Dozens of Fresno State students and community members gathered on February 5 to demand Castro’s resignation. The California Faculty Association released a statement saying the controversy reflects a systemic problem in which people with power cover up bad behavior so they and their colleagues can save face and avoid accountability. The association’s Fresno State chapter said the chancellor’s explanation that he was powerless to do anything until someone formally complained “essentially blames victims for not availing themselves of processes that the university has historically ignored or misused.” The Fresno faculty statement also pointed out that “Lamas was an at-will employee of the university, and he could have been fired at any time.”

Even without a formal complaint, universities can interview colleagues and students to find out whether they’re aware of the behavior that’s being reported, Patel, of the National Women’s Law Center, said. They should make clear that people have the right to be free not only from harassment, but also retaliation.

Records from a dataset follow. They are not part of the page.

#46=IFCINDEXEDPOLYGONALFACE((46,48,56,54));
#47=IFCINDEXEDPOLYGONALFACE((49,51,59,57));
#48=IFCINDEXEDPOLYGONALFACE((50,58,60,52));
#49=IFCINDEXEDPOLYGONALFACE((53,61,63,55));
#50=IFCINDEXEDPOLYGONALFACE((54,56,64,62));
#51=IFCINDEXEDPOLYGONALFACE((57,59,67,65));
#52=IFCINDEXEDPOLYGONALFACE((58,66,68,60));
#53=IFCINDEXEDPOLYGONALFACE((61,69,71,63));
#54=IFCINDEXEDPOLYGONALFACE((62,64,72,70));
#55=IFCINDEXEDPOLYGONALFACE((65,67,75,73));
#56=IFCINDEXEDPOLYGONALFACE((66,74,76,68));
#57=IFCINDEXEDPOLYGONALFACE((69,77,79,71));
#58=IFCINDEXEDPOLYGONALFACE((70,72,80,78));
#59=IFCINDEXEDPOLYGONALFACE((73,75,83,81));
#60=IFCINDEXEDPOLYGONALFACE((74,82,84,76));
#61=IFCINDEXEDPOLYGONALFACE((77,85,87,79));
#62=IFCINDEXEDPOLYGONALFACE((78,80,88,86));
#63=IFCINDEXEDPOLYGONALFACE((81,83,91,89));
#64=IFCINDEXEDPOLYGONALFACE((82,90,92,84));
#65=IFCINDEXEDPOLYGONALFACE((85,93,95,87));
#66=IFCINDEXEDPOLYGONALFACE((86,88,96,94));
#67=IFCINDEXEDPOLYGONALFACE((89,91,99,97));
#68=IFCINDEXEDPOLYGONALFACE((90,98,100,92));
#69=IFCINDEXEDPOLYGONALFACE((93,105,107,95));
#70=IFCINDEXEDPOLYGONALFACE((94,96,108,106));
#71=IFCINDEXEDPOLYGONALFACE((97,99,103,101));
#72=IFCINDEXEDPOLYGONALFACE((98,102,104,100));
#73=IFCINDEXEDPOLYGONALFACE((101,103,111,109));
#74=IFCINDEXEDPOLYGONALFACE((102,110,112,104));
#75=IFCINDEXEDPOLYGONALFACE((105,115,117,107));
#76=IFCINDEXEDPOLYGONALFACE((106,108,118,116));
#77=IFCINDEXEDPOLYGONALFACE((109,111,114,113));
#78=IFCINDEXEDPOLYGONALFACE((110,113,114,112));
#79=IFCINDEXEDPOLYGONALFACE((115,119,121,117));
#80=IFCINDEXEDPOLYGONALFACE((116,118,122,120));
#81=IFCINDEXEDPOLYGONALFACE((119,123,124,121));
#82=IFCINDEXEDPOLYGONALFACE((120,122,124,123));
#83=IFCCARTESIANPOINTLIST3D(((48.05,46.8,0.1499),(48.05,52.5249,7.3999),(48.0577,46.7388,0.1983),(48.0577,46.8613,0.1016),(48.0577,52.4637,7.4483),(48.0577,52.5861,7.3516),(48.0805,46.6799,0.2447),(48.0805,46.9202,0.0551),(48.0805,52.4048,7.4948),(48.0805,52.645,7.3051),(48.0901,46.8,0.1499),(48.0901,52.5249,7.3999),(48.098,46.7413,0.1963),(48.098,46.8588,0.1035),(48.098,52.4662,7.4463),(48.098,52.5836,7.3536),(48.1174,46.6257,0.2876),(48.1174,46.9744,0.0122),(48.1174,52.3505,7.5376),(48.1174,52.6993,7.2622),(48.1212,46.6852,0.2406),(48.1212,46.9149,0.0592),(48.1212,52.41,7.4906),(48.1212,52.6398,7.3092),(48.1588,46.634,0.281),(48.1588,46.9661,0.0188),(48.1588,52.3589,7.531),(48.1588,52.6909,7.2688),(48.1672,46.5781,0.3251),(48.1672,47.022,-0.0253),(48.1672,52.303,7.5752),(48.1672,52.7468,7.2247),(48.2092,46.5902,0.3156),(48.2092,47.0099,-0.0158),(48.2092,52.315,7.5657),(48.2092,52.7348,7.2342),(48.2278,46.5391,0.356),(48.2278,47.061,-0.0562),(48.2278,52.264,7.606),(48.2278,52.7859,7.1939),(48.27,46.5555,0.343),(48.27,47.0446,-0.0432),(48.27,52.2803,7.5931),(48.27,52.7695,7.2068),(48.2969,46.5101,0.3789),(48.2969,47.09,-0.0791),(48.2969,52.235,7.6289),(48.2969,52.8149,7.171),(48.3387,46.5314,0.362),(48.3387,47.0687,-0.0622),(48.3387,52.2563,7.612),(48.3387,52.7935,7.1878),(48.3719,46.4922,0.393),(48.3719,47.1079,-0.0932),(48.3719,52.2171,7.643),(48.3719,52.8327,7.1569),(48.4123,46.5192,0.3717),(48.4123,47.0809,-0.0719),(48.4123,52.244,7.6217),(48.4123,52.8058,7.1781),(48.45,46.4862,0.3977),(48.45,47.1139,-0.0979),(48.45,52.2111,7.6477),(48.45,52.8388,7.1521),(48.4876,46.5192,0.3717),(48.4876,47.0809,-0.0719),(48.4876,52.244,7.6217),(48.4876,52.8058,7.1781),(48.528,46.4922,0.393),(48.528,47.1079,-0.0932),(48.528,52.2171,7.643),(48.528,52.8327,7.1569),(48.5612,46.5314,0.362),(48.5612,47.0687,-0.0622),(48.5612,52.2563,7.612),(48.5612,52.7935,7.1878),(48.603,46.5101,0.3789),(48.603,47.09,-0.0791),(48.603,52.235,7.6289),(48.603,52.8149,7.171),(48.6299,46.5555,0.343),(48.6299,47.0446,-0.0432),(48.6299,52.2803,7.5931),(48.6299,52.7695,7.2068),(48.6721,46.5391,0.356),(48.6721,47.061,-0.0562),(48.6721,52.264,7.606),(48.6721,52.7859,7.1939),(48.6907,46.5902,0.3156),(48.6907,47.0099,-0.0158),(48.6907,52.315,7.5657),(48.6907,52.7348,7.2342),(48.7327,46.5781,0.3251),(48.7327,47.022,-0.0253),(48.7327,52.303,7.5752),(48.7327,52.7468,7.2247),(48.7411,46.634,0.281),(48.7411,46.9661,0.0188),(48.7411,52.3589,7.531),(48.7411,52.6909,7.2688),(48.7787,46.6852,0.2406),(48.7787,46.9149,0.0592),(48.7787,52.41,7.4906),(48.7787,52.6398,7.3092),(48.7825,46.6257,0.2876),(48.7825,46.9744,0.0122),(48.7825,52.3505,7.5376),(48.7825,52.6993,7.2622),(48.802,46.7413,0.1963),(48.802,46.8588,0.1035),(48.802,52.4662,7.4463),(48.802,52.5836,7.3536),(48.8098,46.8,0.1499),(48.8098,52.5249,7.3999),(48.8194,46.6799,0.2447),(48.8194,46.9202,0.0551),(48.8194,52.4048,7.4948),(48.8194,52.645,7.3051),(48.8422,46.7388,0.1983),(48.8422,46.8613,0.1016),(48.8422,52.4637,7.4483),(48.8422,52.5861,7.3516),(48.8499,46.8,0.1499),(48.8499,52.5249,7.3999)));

Castro has said that he spoke with Lamas about his behavior, and, in 2016, Lamas underwent training on appropriate workplace behavior. It’s unclear, though, what that consisted of.

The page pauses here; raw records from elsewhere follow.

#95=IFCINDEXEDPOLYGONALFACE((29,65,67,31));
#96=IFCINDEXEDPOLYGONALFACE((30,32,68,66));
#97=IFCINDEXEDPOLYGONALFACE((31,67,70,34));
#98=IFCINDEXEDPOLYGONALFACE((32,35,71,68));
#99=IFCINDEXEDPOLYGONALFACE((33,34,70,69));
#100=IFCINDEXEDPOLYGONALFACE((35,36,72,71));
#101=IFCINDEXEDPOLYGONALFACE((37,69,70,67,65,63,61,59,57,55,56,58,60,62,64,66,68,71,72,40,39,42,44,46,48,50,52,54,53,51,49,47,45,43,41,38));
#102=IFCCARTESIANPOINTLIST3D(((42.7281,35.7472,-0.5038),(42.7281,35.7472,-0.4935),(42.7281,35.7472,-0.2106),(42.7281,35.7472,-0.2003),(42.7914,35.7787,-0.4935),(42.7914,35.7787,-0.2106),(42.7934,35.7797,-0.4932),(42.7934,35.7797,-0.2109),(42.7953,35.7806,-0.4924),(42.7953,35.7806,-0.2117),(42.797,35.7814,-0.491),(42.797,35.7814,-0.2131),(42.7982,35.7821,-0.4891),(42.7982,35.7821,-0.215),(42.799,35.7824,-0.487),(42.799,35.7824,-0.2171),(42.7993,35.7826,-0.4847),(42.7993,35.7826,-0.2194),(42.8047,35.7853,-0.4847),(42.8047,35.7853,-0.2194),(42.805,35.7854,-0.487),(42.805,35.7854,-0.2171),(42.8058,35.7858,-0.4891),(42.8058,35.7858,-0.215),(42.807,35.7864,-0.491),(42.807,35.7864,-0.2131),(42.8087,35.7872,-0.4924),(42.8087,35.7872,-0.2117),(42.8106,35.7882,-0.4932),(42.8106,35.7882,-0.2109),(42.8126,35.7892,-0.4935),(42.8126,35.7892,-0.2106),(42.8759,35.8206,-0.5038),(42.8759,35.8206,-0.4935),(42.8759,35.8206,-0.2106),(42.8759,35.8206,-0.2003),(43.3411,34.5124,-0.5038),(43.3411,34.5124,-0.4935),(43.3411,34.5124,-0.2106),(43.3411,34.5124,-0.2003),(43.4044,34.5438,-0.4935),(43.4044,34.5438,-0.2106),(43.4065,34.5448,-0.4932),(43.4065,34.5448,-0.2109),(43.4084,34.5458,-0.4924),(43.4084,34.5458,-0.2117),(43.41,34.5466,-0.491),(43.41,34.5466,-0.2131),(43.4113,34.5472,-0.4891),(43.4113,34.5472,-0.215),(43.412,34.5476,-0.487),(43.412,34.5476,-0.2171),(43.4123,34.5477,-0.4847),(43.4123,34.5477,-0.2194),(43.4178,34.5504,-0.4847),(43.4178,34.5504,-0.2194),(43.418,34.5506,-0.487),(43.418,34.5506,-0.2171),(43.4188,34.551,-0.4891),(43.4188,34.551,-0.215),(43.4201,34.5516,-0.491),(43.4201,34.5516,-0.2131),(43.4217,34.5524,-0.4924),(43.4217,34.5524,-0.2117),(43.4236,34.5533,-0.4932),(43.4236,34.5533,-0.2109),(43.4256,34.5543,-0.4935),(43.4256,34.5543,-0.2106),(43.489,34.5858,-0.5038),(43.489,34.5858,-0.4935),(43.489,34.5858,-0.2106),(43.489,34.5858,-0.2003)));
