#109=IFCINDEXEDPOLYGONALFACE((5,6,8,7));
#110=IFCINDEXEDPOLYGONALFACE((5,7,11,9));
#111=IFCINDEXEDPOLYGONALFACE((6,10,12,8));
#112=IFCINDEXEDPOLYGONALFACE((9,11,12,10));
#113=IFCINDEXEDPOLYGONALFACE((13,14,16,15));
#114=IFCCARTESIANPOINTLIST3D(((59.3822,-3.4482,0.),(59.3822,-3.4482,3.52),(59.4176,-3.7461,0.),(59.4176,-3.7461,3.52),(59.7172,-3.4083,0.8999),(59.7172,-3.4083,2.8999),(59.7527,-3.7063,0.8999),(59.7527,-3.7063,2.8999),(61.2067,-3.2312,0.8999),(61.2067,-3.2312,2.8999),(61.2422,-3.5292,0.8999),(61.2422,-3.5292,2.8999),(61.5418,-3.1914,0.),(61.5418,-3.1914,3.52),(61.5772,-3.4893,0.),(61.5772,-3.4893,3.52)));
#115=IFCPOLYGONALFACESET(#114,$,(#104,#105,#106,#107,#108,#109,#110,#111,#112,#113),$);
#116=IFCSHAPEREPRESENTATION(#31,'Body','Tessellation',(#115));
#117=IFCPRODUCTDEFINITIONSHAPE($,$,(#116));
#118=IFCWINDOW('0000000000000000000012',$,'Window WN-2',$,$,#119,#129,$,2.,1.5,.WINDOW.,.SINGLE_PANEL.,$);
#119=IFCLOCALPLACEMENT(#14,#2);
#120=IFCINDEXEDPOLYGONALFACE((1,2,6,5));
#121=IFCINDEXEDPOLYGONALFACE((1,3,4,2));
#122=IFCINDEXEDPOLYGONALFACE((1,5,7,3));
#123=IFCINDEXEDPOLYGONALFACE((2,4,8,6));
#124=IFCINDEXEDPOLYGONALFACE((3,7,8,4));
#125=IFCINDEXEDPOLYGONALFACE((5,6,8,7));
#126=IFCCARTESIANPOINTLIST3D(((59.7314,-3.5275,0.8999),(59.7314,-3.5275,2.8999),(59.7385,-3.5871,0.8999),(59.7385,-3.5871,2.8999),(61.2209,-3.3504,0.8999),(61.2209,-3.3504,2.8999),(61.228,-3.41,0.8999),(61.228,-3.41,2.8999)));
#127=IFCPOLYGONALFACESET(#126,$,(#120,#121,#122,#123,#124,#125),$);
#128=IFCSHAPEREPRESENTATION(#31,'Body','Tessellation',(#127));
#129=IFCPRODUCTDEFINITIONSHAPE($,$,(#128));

“They did some training with him, but obviously, it wasn’t enough,” Patel said. The university, she said, should have monitored the case more closely. “Did he really show remorse for his actions and take responsibility? Did he indicate he was going to change his behavior? These are things they should have paid attention to.”

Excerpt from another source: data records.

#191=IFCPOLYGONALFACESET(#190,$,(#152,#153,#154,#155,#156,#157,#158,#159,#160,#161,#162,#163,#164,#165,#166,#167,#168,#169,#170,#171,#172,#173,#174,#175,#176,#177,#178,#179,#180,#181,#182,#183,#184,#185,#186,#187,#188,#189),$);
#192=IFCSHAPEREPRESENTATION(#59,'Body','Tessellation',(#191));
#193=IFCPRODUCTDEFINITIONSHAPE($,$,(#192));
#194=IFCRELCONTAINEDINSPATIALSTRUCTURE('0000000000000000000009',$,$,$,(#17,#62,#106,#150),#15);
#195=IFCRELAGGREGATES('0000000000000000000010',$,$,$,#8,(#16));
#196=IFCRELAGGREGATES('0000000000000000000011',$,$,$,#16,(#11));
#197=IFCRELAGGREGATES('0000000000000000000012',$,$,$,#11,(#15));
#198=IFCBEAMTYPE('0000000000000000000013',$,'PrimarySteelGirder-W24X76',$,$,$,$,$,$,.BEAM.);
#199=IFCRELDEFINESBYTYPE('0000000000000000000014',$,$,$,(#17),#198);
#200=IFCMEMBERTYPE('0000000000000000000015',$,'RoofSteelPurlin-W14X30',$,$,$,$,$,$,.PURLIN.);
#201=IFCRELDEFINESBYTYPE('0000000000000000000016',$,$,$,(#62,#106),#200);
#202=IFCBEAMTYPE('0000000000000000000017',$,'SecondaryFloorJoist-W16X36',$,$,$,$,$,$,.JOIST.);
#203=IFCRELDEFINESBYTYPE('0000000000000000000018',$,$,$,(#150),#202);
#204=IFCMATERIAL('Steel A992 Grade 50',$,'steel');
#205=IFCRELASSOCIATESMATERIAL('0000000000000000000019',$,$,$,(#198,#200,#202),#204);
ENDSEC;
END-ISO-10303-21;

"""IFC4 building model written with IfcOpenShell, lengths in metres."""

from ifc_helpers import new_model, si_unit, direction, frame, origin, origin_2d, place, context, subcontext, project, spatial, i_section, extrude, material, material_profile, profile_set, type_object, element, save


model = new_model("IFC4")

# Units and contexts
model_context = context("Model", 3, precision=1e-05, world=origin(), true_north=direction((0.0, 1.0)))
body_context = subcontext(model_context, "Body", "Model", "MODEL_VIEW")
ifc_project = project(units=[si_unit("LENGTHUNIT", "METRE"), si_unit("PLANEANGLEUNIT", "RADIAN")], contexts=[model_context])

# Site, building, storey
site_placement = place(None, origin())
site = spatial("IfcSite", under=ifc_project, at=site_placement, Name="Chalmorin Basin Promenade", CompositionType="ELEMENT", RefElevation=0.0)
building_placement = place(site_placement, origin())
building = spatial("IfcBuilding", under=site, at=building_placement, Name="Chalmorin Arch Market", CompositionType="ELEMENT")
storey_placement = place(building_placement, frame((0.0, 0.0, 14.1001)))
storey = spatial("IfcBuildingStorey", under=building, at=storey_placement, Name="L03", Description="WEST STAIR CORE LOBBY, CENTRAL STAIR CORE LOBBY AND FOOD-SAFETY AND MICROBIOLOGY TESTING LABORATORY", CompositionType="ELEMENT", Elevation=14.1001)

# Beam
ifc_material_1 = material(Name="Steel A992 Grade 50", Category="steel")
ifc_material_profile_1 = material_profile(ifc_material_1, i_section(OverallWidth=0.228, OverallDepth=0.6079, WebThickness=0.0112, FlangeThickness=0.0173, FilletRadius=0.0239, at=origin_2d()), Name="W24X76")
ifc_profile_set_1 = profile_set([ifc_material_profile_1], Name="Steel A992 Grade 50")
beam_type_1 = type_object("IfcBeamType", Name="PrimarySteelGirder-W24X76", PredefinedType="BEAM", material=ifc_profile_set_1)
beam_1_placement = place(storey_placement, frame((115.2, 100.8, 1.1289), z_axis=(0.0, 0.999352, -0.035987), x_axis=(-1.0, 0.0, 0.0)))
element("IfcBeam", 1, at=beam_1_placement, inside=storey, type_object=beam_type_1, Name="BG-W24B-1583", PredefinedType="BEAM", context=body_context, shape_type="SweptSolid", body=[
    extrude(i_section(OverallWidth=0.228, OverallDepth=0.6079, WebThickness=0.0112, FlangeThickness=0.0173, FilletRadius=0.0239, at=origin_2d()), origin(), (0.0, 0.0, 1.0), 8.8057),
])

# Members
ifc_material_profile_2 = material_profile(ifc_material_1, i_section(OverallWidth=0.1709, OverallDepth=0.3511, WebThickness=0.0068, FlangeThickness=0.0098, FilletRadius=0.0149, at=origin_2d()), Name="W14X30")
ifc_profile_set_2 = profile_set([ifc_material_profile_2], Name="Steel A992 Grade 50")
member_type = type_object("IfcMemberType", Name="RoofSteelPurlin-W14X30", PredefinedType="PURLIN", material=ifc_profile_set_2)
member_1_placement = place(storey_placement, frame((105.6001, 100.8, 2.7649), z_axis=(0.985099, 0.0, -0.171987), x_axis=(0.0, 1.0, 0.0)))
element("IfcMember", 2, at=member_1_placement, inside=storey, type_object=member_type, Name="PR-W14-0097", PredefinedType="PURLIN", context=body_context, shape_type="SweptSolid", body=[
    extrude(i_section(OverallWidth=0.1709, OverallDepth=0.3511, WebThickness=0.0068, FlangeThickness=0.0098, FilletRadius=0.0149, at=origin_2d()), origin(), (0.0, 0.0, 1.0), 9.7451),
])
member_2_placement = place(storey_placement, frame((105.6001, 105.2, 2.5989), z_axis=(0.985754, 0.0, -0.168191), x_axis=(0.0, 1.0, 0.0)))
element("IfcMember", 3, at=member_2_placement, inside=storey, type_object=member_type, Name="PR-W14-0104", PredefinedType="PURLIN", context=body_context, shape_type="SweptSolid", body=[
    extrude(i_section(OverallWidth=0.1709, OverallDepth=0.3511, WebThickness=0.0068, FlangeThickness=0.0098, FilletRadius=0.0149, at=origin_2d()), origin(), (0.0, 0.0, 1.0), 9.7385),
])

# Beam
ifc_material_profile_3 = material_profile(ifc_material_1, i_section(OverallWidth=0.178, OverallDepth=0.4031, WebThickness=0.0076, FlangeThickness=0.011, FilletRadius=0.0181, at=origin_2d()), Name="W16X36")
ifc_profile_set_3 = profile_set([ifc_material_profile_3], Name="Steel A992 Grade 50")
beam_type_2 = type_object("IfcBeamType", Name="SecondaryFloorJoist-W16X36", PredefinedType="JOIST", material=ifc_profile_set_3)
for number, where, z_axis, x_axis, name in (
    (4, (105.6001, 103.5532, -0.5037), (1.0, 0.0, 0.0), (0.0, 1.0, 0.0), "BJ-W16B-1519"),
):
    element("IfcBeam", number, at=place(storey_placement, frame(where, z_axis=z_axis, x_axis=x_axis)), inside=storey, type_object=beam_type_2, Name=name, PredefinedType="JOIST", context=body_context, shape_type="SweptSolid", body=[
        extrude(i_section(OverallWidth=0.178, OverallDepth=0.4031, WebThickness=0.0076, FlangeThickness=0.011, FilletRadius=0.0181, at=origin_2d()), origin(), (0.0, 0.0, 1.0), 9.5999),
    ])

Allowing him to move on with a clean record, glowing reference, and no public acknowledgement of the reasons he was leaving shows how easy it is, Patel said, for people who’ve been found responsible for harassment to take that behavior elsewhere.

In recent years, there’s been an uptick in the number of people — both students and employees — accused of sexual harassment who sue their colleges. In 2020, the Trump administration issued revised rules to Title IX, the federal gender-equity law, to provide greater protections for people accused of sexual misconduct. (The complaints against Lamas predate those changes.) That could make higher-education institutions more inclined to quietly settle such cases.

At the same time, the #MeToo movement has made colleges more aware of the need to protect the public from serial harassers.

“We’re seeing more and more this trend of wanting to make sure we’re not passing the trash,” said Courtney Bullard, a former campus lawyer who now advises colleges on Title IX. “More institutions are creating websites where they put professors and leaders who’ve been terminated and say why.”

Settlement offers in such cases are increasingly frowned upon. “But it is a fact that there are sometimes legal constraints in how these are handled. It’s a challenge that institutions are still struggling with.”

Complicating Lamas’ case, his contract stipulated that if he were fired from his administrative position, he could “retreat” to a faculty job. That’s another reason, Castro has said, that a settlement agreement was the only way to ensure he’d leave.

But Castro has another big responsibility, the board chair assured the public: conducting a systemwide review of Title IX compliance.